For Huriya, Huriya, Huriya, Huriya (2024), what was the experience like to be commissioned for a publicly facing work about Palestine? What discussions did you have about the proper ways to engage the public with an inherently diplomatic or identitarian symbol: the flag?

First, I want to clarify that the flag wasn’t originally commissioned to be about Palestine; that was my decision. When the project began, I had a completely different idea in mind. The process started before 7 October. But after that, I felt very strongly that if I had the chance to show something this large, this visible, in public space, it had to be about Palestine. It was something that had been on my mind, on many of our minds, for a long time. And seeing others stay silent, especially artists and institutions with public platforms, made the choice even clearer. To have access to a massive public gesture and not say anything felt like complicity. That silence was deafening.
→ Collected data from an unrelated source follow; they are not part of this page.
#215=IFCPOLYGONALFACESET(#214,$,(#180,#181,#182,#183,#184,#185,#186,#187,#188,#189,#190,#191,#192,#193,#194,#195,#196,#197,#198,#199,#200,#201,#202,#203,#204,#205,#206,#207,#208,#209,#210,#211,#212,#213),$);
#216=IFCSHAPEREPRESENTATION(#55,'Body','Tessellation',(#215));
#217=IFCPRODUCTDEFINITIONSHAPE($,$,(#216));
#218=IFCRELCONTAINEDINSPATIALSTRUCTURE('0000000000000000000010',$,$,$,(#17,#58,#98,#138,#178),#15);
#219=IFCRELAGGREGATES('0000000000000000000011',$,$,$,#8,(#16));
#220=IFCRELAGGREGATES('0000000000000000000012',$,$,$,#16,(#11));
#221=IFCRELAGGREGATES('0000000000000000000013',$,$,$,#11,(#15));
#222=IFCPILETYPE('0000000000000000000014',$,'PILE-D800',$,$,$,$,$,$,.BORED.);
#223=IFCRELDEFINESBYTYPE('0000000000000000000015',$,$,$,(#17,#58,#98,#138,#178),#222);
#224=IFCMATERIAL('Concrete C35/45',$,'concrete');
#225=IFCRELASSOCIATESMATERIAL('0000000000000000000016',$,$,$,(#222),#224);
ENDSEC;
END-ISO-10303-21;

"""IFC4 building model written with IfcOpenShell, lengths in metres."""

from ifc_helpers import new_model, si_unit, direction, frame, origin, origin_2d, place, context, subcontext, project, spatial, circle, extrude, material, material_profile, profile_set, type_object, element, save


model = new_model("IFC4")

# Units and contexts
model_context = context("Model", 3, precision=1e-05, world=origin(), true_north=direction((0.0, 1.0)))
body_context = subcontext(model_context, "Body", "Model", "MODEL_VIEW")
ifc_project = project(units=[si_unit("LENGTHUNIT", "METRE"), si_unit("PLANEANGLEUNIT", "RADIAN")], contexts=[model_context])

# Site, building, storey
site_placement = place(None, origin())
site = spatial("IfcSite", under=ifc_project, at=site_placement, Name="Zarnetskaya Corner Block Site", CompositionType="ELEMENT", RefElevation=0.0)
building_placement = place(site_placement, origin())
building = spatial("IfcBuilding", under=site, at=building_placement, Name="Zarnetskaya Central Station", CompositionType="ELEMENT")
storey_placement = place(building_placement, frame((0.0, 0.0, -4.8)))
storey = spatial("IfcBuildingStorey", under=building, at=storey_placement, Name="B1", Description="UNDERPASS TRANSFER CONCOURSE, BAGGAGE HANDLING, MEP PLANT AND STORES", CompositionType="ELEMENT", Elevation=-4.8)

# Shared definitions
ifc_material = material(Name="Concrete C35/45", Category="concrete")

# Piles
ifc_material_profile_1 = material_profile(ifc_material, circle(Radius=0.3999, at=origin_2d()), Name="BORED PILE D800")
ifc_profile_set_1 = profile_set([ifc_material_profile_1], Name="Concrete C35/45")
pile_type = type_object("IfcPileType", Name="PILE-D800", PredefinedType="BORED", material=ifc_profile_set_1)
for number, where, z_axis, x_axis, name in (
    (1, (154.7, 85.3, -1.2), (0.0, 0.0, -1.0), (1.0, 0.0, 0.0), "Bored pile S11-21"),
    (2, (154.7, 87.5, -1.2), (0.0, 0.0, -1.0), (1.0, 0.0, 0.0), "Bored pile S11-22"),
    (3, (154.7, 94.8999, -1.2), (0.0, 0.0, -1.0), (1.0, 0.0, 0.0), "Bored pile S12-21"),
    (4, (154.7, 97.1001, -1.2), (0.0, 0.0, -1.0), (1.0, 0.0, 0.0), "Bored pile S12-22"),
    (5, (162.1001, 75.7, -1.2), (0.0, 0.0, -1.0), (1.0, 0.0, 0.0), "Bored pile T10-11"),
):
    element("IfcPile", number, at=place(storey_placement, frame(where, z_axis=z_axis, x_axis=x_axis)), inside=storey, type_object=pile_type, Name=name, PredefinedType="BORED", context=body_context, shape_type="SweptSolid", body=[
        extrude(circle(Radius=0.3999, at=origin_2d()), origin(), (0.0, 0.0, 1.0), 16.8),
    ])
The flag was huge—about nine metres tall and several metres wide—and to me, it felt only natural that it would carry a message about Palestine. At the time, most institutions in Belgium were still silent or speaking in vague, depoliticised terms, this kind of “all lives matter” discourse that completely erased what was actually happening. So in a way, the flag became a counter-narrative. A refusal to be neutral. And since then, I’ve noticed more and more institutions in Belgium publicly stating their support for Palestine, which is a good shift.
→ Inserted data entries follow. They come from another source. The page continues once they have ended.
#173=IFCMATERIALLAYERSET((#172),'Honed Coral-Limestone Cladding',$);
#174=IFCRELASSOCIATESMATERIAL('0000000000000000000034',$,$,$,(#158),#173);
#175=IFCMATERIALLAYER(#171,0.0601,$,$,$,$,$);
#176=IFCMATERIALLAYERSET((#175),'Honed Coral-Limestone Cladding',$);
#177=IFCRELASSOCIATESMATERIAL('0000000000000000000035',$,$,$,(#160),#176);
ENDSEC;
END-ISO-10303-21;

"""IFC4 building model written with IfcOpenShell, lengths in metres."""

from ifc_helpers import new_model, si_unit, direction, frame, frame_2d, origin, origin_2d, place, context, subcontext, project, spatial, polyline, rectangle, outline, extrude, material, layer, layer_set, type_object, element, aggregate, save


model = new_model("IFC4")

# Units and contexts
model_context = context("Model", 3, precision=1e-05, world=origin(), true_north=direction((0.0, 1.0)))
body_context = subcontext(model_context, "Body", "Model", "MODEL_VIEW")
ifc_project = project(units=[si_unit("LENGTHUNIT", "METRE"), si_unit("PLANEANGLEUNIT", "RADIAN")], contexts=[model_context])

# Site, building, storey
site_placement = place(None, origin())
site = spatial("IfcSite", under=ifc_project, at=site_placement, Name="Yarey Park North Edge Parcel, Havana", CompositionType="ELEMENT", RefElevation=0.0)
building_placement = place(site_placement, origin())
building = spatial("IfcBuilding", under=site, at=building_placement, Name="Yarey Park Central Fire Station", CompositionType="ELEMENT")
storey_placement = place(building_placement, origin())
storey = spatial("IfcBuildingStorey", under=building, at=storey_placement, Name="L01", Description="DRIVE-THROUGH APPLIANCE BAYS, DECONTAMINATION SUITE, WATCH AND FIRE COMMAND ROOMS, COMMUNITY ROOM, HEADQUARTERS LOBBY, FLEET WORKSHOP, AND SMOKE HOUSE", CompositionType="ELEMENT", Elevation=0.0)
Hussein Shikha, Photography by Thor Salden

When you dress a gallery with your work, how do you wish it to transform our relationship with space and our own presence in a gallery?

If we’re talking about what I wish for, then I wish for the gallery space to be transformed into something that’s not just about looking, but about being. Two years ago, I organised a festival Here and Then, Now and There, where I tried exactly that. The main exhibition space wasn’t just for showcasing artwork. It had carpets on the floor where people could sit, talk, gossip, and rest. There was a console where you could play video games—including the one I had made—but also retro games from a bootleg emulator I set up. What was beautiful was seeing all these different kinds of interaction: kids playing games, aunties chatting, others reading essays I had printed out and placed in a reading corner. It was alive. And it made so much sense to me, because that kind of space reflects the way I grew up, where carpets weren’t just decoration but gathering points, where storytelling happened, where people existed together. It felt like a family gathering at Grandma’s. That’s what I’d like to see more of in galleries. But I also understand that many galleries aren’t ready for that. These kinds of settings attract people who don’t usually feel welcome in those spaces, and some institutions are not comfortable with that.
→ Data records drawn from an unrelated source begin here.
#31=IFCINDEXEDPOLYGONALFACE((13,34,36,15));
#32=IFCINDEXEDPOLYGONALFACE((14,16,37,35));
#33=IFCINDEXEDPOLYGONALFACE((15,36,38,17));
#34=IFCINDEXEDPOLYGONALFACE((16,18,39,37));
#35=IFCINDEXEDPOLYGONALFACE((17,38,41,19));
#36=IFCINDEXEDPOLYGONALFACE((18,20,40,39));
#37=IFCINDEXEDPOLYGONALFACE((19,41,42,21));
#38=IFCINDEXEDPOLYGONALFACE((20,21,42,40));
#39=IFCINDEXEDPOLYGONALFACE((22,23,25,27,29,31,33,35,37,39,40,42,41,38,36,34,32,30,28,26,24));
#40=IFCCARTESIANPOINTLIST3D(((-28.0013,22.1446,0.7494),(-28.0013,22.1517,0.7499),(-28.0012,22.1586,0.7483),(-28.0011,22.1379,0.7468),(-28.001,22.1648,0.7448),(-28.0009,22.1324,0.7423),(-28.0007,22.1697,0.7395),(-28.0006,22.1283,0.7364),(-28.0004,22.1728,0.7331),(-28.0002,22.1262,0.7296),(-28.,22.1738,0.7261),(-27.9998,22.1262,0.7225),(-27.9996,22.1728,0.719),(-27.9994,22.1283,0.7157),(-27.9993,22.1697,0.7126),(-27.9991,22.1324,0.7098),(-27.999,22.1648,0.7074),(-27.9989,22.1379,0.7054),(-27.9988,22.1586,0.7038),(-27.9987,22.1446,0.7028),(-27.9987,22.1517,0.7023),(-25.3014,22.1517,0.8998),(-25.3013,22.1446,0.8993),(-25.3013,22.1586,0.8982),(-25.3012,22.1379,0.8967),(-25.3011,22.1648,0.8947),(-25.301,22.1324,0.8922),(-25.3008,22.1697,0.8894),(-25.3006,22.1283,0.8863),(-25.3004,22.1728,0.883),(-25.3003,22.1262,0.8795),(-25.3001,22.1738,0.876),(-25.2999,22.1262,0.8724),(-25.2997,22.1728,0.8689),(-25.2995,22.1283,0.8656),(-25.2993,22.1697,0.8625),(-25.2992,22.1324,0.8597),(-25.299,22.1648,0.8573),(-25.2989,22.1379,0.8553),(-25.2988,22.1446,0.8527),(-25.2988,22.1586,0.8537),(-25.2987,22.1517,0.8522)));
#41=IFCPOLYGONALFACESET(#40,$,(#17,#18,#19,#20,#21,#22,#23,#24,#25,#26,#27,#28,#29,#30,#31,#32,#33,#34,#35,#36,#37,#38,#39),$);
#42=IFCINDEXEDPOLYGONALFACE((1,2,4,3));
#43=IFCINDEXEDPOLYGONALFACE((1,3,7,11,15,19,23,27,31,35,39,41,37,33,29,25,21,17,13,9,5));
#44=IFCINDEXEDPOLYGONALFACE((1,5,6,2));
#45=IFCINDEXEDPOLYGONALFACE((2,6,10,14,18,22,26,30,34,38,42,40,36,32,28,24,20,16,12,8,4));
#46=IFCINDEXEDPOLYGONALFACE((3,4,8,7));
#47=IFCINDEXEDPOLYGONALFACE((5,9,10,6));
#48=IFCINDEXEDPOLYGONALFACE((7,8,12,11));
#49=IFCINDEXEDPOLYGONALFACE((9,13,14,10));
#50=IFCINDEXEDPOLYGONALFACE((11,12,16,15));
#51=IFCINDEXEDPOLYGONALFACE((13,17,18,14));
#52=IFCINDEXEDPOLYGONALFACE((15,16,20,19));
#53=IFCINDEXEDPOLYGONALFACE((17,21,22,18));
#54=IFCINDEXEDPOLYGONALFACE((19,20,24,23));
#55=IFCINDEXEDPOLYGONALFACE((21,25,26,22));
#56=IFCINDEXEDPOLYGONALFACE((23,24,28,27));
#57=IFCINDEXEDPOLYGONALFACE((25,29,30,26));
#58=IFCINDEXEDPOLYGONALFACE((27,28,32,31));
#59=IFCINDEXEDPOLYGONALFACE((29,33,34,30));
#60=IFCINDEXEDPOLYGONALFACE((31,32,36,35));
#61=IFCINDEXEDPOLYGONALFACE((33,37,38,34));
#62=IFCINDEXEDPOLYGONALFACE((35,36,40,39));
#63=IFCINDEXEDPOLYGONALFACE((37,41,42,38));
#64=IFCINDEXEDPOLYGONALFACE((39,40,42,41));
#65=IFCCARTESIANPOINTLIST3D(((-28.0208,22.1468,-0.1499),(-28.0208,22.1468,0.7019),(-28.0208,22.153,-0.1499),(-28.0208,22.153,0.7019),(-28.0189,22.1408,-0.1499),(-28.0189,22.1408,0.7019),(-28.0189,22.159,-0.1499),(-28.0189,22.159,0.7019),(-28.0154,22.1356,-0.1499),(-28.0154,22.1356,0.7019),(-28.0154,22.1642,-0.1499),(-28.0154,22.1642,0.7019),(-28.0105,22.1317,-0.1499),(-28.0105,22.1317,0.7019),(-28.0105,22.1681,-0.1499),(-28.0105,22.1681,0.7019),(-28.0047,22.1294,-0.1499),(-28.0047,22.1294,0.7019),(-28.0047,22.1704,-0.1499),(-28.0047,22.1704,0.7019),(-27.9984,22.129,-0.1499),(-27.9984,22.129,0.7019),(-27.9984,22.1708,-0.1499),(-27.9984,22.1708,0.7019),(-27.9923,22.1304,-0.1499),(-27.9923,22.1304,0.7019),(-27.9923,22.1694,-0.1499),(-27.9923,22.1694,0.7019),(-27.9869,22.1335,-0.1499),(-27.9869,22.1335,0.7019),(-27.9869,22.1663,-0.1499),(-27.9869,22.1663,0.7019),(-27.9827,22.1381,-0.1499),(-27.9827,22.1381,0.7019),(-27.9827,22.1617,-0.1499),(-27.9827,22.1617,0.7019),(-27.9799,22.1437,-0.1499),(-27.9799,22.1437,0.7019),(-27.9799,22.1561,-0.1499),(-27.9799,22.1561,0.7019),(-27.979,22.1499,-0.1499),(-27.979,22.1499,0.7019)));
What discussions have you had with yourself and within your practice around preservation through diaspora?

For me, the carpet became a metaphor. It helped me make sense of my own displacement and how I’ve been read, or misread, through various systems: as a refugee, as Arab, as Muslim. The carpet, like me, carries meaning that’s been lost, erased, or deliberately mistranslated. We can’t “read” these textiles the way people once did, because that knowledge has been fractured or denied to us. When we first arrived in Belgium, I wanted nothing to do with Iraq, with being Arab or Muslim. I tried to push it away. But over time, I’ve realised that was never really a personal choice. My work now is an attempt to refuse that erasure. I want to develop a hybrid visual language that doesn’t just represent identity but expresses it, in all its contradictions, diasporic ruptures, and evolving forms. Especially now, when it feels like people are becoming less and less interested in these histories, mythologies, and ancestral knowledges—we’re drowning in spectacle. And to me, that’s exactly why it’s urgent to make work that reclaims and reanimates what’s been pushed to the margins.